Potential PeVatron supernova remnant G106.3+2.7 seen in the highest-energy gamma rays

Cosmic rays (protons and other atomic nuclei) are believed to gain energies of petaelectronvolts (PeV) and beyond at astrophysical particle accelerators called ‘PeVatrons’ inside our Galaxy. Although a characteristic feature of a PeVatron is expected to be a hard gamma-ray energy spectrum that extends beyond 100 teraelectronvolts (TeV) without a cut-off, none of the currently known sources exhibit such a spectrum owing to the low maximum energy of accelerated cosmic rays or owing to insufficient detector sensitivity around 100 TeV. Here, we report the observation of gamma-ray emission from the supernova remnant G106.3+2.7 (refs. 1 , 2 ) above 10 TeV. This work provides flux data points up to and above 100 TeV and indicates that the very-high-energy gamma-ray emission above 10 TeV is well correlated with a molecular cloud 3 rather than with the pulsar PSR J2229+6114 (refs. 4 – 8 ).

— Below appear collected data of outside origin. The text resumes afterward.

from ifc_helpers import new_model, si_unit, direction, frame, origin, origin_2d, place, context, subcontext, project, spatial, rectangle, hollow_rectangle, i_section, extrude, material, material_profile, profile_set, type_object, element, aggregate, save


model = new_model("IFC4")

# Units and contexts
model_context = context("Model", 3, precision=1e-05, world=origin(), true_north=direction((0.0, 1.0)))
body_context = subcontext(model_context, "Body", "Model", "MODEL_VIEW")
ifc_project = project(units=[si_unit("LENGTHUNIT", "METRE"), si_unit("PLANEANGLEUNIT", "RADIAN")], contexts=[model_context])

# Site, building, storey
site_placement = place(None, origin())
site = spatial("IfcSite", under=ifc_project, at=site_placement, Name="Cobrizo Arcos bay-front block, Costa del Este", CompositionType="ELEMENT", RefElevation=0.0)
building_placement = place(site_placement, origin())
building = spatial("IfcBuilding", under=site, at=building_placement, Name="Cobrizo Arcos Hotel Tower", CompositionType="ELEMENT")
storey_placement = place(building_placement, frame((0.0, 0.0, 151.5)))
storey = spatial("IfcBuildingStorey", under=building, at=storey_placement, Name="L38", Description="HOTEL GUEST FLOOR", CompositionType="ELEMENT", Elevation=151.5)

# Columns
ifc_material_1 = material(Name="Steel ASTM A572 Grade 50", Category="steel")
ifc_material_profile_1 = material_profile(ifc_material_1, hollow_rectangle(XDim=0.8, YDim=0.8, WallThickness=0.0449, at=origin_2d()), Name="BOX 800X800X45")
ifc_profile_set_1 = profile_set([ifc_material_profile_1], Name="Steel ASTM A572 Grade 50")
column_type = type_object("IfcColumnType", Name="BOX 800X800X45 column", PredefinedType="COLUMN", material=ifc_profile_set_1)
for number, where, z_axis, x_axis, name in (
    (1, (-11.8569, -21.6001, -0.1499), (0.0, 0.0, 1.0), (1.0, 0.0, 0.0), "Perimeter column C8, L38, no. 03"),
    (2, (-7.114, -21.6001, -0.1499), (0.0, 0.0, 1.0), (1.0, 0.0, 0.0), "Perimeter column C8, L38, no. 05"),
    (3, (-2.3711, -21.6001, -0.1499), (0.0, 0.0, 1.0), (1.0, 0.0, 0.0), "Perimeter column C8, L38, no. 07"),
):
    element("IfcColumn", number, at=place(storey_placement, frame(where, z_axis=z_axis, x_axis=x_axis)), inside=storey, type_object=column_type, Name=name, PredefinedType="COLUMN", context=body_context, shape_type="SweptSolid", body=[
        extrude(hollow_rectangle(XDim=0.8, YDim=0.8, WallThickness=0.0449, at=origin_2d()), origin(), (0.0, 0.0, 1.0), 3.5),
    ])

Regarding the gamma-ray emission mechanism of G106.3+2.7, this morphological feature appears to favour a hadronic origin via the π 0 decay caused by accelerated relativistic protons 9 over a leptonic origin via the inverse Compton scattering by relativistic electrons 10 , 11 . Furthermore, we point out that an X-ray flux upper limit on the synchrotron spectrum would provide important information to firmly establish the hadronic scenario as the mechanism of particle acceleration at the source. Gamma-ray emission up to and above 100 TeV is detected from the supernova remnant G106.3+2.7. The emission above 10 TeV is associated with a molecular cloud rather than the pulsar PSR J2229+6114, favouring a hadronic origin via the π 0 decay caused by accelerated relativistic protons.